Pregnancy · Emergency

HELLP Syndrome Classifier

Classify HELLP syndrome per Sibai’s Tennessee criteria (1990 — complete vs not) and Martin’s Mississippi three-class system (1991 — severity by platelet count). Educational tool to support obstetric assessment of severe preeclampsia.

Last reviewed 25 May 2026

HELLP syndrome classifier — Tennessee + Mississippi

Haemolysis · Elevated Liver enzymes · Low Platelets

U/L
mg/dL
U/L
/µL
Enter at least LDH (or bilirubin), AST, and platelets to classify.
Educational tool only — not medical advice. HELLP is a medical emergency. Maternal mortality 1-3 %, perinatal mortality 7-20 % depending on gestation. Definitive treatment is DELIVERY. Magnesium sulphate, BP control, transfusion support, and intensive monitoring are the bridges to delivery. Any suspicion of HELLP requires same-day obstetric input.
What does this mean?
HELLP (Hemolysis, Elevated Liver enzymes, Low Platelets) is a severe variant of pre-eclampsia complicating ~0.5 % of pregnancies and ~10–20 % of severe PE. ~30 % of cases occur postpartum, often within 48 h of delivery — that’s why right-upper-quadrant or epigastric pain, nausea, or headache in the first week after birth should never be brushed off.
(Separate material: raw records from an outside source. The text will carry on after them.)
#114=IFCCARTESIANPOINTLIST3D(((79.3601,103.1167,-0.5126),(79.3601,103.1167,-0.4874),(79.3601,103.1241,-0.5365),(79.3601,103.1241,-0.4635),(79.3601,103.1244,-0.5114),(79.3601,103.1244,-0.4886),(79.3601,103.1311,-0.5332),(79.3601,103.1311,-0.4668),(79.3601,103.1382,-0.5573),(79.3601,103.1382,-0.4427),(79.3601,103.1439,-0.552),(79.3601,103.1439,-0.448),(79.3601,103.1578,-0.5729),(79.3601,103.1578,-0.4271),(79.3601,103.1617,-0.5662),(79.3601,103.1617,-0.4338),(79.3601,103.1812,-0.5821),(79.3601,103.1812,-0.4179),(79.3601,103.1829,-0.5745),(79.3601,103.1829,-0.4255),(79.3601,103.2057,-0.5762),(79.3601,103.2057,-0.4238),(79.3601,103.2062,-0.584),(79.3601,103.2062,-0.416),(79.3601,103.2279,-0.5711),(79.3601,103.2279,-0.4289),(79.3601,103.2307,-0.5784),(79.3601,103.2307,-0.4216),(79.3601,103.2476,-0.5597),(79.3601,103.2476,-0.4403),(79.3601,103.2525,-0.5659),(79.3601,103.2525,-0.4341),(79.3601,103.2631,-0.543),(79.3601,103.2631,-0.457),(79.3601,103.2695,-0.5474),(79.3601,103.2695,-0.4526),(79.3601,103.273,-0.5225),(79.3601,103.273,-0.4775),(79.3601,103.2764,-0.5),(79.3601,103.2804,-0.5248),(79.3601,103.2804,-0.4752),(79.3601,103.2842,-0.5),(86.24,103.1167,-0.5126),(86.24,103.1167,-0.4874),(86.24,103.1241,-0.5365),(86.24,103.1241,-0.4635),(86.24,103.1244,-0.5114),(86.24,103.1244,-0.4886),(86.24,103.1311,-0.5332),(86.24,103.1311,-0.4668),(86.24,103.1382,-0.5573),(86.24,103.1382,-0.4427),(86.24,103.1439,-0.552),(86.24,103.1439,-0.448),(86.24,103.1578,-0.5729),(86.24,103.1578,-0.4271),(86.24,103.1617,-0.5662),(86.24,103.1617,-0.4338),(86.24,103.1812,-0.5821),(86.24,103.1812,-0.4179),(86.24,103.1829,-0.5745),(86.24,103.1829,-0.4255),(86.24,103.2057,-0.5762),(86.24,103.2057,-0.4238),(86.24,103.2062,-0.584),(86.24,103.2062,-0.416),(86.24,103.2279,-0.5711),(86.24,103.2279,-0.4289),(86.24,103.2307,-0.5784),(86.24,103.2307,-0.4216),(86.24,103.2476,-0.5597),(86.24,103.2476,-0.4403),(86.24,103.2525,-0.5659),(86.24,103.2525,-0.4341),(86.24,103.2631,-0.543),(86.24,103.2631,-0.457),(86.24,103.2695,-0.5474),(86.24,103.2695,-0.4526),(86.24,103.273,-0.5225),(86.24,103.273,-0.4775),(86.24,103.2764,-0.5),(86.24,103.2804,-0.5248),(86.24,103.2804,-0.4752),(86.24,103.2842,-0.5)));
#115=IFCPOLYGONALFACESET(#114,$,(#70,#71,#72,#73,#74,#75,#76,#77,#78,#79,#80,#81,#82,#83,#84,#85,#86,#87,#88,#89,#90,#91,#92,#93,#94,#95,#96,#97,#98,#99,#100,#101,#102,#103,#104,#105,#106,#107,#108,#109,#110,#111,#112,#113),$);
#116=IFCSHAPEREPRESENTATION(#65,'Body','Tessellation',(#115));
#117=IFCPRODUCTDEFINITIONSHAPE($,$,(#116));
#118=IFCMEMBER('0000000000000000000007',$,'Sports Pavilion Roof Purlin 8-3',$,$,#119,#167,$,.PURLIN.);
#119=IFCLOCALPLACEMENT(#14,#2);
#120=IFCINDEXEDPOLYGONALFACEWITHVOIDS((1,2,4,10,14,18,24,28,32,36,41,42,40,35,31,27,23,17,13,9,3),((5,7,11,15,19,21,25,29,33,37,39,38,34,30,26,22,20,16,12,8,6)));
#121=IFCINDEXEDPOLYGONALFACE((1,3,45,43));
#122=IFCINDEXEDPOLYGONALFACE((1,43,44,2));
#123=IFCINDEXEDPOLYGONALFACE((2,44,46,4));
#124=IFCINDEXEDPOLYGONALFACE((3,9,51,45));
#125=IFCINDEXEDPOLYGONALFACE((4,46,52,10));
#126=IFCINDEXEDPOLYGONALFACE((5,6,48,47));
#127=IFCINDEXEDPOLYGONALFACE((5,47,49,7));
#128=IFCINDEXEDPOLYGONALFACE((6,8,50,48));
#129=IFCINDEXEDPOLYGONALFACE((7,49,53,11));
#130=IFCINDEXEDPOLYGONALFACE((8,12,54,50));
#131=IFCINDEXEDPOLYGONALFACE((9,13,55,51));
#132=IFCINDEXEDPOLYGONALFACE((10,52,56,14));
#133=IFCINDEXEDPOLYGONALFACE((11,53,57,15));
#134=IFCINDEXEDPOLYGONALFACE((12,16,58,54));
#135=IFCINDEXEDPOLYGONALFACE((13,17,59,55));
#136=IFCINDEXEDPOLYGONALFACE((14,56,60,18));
Maternal mortality is 1–3 % overall but rises with delays; perinatal mortality 7–20 %. Major complications: DIC, placental abruption, acute kidney injury, hepatic capsule haematoma/rupture, pulmonary oedema. Treatment is timely delivery + magnesium sulphate seizure prophylaxis + BP control (labetalol, hydralazine, nifedipine) + platelet/RBC support as needed. Some women with class 2/3 (less severe) HELLP < 34 wk can be stabilised for 24–48 h to complete steroids before delivery. Always over- rather than under-react to HELLP suspicion.

Introduction

HELLP — Haemolysis, Elevated Liver enzymes, Low Platelets — is a severe pregnancy-related liver and coagulation disorder considered a variant of preeclampsia. Maternal mortality is 1-3 %; perinatal mortality 7-20 %. First described by Weinstein in 1982 (AJOG). About 0.5-0.9 % of all pregnancies; 10-20 % of women with severe preeclampsia develop HELLP.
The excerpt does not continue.